Tony Lloyd: Will the right hon. Gentleman give way?

David Davis: In a moment. I want to get to the end of this part of my argument, because it is very important to this particular point.

The third witness was Ken Jones, the president of the Association of Chief Police Officers, who said that the police, operating under the current 28-day limit were “up against the buffers”. That is the claim being made: not that we might be, but that we are up against the buffers. He based his judgment on the most complex counter-terrorism investigation in our history, Operation Overt, in respect of the alleged plot to blow 10 airliners out of the sky at Heathrow in August 2006. In that case, five people were held for 27 or 28 days. One can see why that superficial analysis leads us to the idea that we are up against the buffers, but it is only a superficial analysis. I asked Mr. Jones yesterday whether he had examined the detailed evidence in Operation Overt. He told me that he had not had the opportunity. I did look at the evidence. Three of the five suspects were held for the maximum period. More than half were innocent.

Mr. Frank Field (Birkenhead) (Lab): No, they were found not guilty.

David Davis: Innocent. That demonstrates— [Interruption.] We can reiterate the argument that we had last time. The last time I used “innocent”, Labour Members exploded in uproar at the idea that those people might be innocent, so I told Labour Members that I had asked the police at the time whether they were concerned sufficiently to put those three people under control orders. “No,” they said. I asked whether they were sufficiently concerned to put them under overt or covert surveillance? “No,” they said. I asked whether they were carrying on any further investigations into them? “No,” they said. I give way to the ex-Home Secretary.

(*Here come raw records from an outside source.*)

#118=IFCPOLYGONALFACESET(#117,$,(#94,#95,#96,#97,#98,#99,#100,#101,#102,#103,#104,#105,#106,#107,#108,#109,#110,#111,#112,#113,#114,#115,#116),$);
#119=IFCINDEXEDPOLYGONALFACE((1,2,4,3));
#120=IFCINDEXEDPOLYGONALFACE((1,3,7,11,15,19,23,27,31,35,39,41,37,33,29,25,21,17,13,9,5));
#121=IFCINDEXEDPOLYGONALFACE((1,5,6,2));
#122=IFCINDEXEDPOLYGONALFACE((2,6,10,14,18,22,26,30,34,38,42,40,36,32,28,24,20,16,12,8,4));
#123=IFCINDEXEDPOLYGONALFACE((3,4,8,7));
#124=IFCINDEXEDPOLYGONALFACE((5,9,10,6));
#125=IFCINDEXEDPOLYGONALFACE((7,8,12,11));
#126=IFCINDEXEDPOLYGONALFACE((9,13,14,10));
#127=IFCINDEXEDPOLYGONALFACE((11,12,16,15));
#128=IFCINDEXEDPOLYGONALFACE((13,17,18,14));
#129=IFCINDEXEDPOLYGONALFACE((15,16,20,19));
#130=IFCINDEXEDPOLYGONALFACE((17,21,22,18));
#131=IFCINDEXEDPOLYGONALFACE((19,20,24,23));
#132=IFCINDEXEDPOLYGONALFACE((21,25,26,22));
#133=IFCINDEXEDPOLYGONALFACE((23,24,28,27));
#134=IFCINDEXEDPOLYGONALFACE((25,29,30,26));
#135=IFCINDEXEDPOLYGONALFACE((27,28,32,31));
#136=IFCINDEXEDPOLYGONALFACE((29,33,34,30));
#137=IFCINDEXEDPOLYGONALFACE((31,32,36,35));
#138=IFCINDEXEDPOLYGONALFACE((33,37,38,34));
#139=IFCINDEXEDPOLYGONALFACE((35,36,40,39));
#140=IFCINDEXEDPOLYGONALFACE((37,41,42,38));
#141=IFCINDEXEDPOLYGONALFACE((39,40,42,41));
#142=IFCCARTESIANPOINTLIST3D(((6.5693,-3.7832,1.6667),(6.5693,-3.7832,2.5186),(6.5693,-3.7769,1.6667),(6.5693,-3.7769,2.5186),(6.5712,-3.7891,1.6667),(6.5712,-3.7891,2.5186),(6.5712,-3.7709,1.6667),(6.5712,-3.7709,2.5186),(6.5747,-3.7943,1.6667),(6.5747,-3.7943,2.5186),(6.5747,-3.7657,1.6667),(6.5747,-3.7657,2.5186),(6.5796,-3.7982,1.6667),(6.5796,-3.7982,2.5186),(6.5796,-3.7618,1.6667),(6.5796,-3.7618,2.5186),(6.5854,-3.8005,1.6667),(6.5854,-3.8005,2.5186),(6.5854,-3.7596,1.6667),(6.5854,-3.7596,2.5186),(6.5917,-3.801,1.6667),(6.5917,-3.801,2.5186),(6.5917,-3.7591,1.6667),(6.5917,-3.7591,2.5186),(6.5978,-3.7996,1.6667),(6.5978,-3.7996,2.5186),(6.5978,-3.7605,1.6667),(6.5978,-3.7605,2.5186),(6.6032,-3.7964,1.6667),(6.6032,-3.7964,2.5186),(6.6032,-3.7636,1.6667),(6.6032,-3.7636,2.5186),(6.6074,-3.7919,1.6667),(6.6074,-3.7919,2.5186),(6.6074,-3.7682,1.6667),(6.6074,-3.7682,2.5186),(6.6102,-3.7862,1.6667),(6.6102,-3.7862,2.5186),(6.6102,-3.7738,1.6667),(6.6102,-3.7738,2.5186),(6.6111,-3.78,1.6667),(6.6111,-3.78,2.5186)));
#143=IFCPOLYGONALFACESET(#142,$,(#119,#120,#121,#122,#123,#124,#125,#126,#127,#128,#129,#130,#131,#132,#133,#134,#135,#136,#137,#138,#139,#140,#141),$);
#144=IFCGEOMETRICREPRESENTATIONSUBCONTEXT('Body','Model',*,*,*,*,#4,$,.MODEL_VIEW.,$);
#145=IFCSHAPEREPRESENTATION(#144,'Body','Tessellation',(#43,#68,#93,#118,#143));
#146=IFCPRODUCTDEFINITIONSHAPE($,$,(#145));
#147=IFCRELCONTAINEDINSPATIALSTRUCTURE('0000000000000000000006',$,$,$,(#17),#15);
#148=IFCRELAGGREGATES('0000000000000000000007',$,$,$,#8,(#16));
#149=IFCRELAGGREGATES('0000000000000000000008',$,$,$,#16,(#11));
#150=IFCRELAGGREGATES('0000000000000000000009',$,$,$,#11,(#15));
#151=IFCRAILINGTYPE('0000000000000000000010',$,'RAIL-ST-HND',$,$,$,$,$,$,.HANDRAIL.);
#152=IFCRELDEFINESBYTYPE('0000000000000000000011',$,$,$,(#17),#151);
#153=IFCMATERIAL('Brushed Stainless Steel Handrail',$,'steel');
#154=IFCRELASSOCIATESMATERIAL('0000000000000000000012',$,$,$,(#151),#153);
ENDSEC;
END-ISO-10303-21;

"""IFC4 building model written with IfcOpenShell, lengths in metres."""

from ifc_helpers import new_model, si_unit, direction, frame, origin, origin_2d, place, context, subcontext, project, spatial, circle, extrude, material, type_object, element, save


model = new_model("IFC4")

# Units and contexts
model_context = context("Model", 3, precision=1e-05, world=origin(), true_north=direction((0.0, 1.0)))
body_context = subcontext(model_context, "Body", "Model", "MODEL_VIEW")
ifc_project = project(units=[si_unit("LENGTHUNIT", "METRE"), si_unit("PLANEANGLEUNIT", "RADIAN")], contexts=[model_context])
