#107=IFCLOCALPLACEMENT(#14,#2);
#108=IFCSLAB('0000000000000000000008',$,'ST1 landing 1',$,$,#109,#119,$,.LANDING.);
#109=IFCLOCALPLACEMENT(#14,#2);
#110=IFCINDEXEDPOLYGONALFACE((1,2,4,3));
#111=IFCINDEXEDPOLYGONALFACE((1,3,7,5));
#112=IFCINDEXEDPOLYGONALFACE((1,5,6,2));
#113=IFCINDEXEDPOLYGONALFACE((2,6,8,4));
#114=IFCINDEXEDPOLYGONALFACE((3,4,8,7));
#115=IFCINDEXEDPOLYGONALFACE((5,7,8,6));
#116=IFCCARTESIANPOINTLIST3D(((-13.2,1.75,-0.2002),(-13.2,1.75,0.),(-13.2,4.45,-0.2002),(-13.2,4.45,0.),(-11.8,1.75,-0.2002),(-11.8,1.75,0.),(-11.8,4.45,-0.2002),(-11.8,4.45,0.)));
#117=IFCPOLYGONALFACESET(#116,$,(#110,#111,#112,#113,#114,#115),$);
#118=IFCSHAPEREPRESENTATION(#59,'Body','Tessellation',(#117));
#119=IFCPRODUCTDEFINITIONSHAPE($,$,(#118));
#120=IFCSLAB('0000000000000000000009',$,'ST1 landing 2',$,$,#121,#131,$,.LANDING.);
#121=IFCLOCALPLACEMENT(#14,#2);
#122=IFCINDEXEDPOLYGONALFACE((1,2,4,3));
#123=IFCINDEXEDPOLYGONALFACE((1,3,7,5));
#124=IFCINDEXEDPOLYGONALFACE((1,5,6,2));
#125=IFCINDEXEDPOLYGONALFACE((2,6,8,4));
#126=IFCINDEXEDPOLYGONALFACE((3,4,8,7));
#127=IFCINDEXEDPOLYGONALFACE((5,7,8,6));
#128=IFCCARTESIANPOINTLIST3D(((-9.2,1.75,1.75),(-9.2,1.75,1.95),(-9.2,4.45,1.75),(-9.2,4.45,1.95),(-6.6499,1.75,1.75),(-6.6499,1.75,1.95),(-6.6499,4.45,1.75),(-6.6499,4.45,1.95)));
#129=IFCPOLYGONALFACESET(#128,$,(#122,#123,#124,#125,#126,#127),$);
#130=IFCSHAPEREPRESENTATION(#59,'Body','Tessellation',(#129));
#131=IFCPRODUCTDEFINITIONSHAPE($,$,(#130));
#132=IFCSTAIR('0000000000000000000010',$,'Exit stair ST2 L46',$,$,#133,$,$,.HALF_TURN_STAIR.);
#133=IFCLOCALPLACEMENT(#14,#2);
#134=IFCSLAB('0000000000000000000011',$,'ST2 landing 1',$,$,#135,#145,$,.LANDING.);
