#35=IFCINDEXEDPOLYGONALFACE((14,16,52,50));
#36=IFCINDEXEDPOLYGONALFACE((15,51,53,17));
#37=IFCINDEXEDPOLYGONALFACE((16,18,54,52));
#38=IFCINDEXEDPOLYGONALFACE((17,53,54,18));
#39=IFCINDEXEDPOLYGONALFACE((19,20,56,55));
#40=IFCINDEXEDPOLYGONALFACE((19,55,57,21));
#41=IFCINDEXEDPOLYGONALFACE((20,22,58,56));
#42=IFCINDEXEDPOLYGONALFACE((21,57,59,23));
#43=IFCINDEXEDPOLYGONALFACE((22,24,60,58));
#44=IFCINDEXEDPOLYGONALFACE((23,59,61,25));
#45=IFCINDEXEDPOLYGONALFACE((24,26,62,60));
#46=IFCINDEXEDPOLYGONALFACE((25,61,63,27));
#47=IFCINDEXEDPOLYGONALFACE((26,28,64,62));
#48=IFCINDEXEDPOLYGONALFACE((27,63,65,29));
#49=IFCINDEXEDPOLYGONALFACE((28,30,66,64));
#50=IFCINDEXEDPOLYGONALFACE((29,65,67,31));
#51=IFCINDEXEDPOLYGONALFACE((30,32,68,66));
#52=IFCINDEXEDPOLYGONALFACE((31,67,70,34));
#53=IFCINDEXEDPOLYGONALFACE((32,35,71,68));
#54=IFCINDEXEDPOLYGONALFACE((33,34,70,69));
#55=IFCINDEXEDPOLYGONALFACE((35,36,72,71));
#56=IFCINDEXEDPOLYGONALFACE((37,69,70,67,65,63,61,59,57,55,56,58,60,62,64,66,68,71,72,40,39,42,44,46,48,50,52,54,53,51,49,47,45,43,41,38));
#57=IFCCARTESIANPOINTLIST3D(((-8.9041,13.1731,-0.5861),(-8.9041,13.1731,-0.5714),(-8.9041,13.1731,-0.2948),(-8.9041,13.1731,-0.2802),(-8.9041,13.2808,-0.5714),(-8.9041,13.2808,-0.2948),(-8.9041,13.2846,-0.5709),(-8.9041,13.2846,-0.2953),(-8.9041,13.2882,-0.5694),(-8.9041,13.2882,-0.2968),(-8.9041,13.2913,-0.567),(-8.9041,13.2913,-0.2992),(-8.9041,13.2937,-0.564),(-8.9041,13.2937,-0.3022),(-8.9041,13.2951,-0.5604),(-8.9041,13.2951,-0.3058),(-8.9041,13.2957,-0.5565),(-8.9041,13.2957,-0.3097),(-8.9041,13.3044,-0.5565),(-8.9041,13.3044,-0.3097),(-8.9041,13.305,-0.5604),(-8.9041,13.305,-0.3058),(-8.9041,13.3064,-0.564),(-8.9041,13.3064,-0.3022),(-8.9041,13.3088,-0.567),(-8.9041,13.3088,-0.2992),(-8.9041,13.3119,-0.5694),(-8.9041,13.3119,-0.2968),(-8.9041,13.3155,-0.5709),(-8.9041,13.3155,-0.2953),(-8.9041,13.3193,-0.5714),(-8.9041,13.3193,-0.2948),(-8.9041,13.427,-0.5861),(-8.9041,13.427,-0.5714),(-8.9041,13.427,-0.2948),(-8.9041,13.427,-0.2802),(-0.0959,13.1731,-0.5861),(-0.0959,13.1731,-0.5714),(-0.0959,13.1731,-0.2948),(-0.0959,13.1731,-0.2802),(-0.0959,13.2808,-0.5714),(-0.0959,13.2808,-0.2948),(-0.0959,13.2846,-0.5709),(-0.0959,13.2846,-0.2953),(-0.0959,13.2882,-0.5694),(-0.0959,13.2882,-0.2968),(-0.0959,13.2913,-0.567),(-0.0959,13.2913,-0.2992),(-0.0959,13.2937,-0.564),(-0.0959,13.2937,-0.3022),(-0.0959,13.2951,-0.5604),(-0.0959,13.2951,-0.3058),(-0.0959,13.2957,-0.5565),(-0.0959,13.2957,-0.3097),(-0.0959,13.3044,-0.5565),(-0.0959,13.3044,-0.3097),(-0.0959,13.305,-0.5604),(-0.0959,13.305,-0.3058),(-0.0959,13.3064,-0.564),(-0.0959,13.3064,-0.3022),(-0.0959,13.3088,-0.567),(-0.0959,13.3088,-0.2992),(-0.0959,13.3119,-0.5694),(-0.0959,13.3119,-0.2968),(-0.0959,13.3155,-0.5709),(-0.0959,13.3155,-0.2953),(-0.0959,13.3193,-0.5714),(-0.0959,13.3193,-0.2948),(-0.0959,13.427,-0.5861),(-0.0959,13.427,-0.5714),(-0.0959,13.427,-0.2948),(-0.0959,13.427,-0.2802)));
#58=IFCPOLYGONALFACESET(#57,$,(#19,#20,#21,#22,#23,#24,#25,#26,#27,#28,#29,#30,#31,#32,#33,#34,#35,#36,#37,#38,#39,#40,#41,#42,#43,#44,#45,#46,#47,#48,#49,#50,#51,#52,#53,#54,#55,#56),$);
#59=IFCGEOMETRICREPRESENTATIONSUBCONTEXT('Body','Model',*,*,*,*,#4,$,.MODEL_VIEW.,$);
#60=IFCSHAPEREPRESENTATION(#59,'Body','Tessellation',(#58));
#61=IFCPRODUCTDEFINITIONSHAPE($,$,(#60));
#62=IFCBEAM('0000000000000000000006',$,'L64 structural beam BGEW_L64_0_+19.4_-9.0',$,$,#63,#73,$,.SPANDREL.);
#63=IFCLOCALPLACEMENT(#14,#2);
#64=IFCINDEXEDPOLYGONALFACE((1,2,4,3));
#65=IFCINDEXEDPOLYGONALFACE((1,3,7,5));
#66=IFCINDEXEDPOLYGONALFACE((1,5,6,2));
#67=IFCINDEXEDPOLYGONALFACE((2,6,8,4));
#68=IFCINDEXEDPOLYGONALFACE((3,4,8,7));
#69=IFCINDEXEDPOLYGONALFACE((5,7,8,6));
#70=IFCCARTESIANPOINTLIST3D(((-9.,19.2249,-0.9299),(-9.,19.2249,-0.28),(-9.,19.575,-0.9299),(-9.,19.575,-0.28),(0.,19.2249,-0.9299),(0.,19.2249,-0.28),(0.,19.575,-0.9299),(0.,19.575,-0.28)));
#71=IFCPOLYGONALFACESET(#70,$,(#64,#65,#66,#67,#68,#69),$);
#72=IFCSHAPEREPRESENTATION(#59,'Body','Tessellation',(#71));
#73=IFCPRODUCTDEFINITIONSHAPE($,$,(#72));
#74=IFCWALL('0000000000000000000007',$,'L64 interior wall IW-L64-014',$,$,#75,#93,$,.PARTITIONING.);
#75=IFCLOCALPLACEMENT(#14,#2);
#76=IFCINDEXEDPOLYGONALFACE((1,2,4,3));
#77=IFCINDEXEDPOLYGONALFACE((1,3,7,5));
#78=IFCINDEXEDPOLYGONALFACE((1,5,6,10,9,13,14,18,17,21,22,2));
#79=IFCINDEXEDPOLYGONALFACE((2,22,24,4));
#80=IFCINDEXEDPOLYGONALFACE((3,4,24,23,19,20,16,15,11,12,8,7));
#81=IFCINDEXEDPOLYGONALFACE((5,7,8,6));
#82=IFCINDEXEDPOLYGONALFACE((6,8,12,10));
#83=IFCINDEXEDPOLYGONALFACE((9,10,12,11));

Mr. David Blunkett (Sheffield, Brightside) (Lab): The right hon. Gentleman’s latter point is very important, because in some of the cases that he cites, a lesser charge could have been offered. From all parts of the House, a case has been put that in respect of post-charge questioning, there is an opportunity for the police to continue doing what today’s proposal of a 14-day extension allows in the most serious cases and for the most serious charge. Is it not either muddled thinking or, at its very best, a paradox, that those who are against the extension—with all the safeguards—to 42 days are happy for people to be charged with a lesser offence and then to be held in prison while questioning continues?